Then, I started to wonder if safety numbers actually changed under any circumstances.

Rob and I determined that the "you have not marked person as verified"  functionality also did not force a safety number change when Signal was uninstalled and reinstalled on Rob's device, most likely as well due to whatever underlying issue was causing safety numbers to not change on uninstallation and reinstallation:

Prior to verification

Following verification

Following Rob deleting and reinstalling the app

Clearing data then uninstalling does actually cause safety number change on reinstall

Sick Codes and I proved the chat safety number did actually change when upon clearing data in some flavour of the desktop app. Clearing my data then uninstalling Signal on macOS caused me to lose all chat threads and contents of group chats on the macOS device. Chat threads were all still present across my other devices until I resynced my phone to the cleared desktop app, at which point all messages from before clearing my data were gone from my phone as well.

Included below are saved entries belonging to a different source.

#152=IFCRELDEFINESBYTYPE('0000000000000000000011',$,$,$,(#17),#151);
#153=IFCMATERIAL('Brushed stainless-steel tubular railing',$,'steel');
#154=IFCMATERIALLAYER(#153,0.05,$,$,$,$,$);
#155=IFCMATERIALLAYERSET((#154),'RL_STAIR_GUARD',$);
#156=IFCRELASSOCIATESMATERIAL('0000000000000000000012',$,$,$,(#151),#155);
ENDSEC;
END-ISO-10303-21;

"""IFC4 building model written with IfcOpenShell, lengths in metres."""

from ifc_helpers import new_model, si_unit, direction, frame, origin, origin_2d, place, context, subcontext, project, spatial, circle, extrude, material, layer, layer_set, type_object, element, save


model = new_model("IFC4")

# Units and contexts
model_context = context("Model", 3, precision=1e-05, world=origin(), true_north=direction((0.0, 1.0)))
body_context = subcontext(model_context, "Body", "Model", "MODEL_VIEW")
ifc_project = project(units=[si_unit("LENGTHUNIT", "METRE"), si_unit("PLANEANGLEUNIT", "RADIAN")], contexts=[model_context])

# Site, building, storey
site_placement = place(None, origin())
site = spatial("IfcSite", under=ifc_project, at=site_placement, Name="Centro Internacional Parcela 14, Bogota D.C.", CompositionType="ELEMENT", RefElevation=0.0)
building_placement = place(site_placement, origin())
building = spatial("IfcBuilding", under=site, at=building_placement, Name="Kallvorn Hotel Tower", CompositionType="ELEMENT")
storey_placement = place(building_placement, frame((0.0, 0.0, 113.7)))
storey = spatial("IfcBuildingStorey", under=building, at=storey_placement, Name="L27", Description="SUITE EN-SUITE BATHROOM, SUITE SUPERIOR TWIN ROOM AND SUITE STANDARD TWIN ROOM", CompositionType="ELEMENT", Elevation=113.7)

Before clearing data on desktop app

After clearing data

I accidentally went through a CAPTCHA loop twice trying to get everything put back together properly, but it was worth it to prove safety number changes can happen sometimes if you really try.

Vendor communications

Some time passed before Signal requested further information. We provided many of the screenshots included here and detailed some ways we thought the issues could be abused to cause Signal users harm. We felt it was clear the app behaviour and documentation did not match when we reported, but Signal staff surprisingly said they were unable to reproduce.

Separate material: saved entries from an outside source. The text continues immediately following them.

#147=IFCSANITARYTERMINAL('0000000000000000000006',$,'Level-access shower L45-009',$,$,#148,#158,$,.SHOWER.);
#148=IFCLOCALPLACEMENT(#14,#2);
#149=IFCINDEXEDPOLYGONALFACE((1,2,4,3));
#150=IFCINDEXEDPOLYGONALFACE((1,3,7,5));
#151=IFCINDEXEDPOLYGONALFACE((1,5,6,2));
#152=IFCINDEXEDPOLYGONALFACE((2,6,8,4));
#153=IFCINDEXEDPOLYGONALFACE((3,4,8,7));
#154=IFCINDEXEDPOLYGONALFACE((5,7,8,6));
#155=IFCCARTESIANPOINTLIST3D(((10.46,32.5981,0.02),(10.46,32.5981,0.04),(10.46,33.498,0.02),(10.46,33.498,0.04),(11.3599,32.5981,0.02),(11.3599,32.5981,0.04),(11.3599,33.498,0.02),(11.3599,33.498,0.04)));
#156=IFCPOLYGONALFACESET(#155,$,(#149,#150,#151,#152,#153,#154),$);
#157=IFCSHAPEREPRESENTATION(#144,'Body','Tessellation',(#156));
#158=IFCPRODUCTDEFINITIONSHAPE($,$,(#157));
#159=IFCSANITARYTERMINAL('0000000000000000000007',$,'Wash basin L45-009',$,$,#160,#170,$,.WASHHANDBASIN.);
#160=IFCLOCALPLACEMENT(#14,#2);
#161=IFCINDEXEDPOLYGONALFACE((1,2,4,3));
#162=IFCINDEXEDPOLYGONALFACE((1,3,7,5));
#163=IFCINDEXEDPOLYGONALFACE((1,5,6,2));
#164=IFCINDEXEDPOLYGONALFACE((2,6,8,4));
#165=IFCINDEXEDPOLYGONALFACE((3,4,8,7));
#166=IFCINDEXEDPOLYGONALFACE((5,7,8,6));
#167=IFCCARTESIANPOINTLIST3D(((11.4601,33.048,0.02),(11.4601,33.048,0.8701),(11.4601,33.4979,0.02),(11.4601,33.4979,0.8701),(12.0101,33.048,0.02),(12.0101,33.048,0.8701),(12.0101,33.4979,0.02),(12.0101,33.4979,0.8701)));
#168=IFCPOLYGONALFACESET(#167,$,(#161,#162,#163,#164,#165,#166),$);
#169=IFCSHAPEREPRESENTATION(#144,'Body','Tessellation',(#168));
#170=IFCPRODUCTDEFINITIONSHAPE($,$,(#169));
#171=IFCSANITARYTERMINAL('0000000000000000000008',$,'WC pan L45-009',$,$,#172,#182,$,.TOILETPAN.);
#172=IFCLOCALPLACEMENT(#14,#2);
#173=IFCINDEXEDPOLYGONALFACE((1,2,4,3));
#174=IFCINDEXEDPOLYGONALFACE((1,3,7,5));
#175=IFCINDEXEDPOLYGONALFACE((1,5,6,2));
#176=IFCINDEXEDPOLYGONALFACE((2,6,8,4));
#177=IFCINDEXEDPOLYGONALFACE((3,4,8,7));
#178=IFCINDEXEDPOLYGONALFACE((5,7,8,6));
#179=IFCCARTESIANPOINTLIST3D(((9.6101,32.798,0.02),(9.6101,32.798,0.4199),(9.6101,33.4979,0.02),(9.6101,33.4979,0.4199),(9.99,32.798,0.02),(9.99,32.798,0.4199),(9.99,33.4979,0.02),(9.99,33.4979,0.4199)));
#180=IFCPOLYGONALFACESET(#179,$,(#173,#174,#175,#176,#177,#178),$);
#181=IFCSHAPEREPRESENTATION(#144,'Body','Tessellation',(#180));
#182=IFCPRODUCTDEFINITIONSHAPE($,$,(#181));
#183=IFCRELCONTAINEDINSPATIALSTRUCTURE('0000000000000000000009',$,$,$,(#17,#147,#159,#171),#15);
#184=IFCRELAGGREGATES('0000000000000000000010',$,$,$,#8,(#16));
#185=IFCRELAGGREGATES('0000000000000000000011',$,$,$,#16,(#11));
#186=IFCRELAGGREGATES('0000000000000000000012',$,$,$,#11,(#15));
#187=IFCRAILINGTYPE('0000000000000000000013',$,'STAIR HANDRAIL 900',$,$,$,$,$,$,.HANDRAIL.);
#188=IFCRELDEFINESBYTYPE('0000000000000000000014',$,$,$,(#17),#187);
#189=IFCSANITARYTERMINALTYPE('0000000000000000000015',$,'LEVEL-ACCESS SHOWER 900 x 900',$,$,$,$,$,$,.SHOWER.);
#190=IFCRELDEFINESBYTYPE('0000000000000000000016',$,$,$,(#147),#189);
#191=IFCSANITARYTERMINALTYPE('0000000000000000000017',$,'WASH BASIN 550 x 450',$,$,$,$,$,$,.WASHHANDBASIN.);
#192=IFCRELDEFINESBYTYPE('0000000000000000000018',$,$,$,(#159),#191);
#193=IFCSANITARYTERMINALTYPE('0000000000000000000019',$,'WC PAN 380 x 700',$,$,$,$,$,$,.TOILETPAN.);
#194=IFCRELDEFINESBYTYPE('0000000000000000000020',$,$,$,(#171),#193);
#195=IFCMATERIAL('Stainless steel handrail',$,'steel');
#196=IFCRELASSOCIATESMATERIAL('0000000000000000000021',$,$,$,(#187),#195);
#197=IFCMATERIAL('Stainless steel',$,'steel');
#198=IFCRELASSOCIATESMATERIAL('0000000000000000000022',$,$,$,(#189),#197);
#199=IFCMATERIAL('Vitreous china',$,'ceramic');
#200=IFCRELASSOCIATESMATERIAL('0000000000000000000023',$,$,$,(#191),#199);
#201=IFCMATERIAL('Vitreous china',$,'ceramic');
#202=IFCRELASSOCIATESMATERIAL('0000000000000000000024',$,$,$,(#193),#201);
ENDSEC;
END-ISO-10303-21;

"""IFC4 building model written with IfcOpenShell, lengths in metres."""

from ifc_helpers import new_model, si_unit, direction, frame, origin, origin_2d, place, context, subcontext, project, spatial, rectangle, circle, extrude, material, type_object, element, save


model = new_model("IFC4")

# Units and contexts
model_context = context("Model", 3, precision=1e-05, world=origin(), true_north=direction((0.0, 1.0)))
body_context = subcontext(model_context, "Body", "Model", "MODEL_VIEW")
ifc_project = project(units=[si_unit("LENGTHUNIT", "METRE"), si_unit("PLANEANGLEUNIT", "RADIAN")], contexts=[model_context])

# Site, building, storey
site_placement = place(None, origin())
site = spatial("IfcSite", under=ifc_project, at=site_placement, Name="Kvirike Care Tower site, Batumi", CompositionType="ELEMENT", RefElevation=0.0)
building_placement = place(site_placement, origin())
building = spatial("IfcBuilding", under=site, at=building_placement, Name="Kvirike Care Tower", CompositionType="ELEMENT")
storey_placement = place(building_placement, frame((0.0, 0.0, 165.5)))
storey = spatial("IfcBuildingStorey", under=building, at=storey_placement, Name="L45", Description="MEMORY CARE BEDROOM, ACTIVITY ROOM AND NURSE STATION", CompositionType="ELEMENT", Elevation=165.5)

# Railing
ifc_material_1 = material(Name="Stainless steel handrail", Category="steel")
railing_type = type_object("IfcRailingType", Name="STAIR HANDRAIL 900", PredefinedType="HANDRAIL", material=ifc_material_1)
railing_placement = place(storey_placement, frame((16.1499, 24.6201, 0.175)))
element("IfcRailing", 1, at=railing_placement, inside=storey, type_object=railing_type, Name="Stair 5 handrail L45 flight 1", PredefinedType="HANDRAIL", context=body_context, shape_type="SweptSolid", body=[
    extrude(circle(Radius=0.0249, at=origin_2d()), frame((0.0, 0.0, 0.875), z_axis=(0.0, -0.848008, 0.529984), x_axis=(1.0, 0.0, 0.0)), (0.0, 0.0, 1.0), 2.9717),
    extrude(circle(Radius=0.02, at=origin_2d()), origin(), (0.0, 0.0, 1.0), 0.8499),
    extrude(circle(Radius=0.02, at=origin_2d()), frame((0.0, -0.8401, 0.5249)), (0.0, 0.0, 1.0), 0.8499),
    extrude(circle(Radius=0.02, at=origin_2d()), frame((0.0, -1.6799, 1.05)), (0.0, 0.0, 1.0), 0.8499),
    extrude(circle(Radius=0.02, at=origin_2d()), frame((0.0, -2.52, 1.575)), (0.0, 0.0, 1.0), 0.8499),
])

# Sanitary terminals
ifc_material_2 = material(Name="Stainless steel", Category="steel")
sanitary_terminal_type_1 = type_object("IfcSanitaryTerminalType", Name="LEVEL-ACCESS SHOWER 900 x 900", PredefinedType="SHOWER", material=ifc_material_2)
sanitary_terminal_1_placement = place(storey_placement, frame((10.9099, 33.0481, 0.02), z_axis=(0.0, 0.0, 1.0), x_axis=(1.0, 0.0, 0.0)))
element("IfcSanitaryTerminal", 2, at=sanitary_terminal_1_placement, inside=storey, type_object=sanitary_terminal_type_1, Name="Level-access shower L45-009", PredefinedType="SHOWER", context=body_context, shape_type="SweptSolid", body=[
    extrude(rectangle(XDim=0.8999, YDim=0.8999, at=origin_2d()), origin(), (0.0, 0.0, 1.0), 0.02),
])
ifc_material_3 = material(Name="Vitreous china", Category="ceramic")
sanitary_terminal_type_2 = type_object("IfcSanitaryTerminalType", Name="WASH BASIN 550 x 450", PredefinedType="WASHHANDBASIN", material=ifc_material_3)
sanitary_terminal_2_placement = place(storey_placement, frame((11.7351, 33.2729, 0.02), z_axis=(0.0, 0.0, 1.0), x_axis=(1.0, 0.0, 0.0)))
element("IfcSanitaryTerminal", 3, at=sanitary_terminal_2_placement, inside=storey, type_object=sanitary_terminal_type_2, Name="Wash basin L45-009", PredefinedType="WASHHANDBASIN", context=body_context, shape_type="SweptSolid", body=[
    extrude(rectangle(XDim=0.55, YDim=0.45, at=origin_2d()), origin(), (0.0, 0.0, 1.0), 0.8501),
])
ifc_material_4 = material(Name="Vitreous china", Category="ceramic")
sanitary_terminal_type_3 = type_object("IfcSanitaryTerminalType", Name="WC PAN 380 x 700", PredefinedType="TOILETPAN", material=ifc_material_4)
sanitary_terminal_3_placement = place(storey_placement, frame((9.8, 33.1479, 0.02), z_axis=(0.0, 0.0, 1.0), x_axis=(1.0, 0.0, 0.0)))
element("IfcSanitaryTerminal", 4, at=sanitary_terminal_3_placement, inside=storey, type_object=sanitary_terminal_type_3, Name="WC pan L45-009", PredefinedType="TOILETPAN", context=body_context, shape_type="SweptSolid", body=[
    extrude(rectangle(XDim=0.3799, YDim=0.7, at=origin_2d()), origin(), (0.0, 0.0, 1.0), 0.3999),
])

After several more emails spaced out over multiple days Signal staff requested a call. As everyone mentioned in this blog works full time elsewhere and this is our side gig, it was very kind of Signal staff to agree to take a call after Pacific Time working hours, but the call was ultimately not very useful from our perspective. We arrived at deadlock and pretty much nothing else productive came from our long email chain. Eventually, Signal staff stopped replying after telling us they planned to update the customer docs and not change anything else. We later found after dismissing our report, Signal not only had updated the customer docs, but had started rolling out patches for the issues.

Though as far as we understand it wasn't taken into consideration, we provided Signal via email after the call with what we considered to be our ideal timeline and outcome. We would have liked to see disclosure at each step by Signal in order to show accountability to users and the security and privacy communities. We felt this request was appropriate considering the Signal app is a privacy-critical product, people in unsafe situations may rely on it for communications, and it seemed to us that some of Signal's privacy guarantees weren't being met.

Mobile apps' version bump

We tried to obtain independent verification from Ax Sharma this past week, but he unfortunately wasn't able to reproduce the reinstallation lack of safety number change on iOS and Android on Friday (4 June). This tipped us off to something maybe having quietly been changed in the Signal codebase since we were consistently able to reproduce the issue across multiple user/device matchups for several weeks beforehand.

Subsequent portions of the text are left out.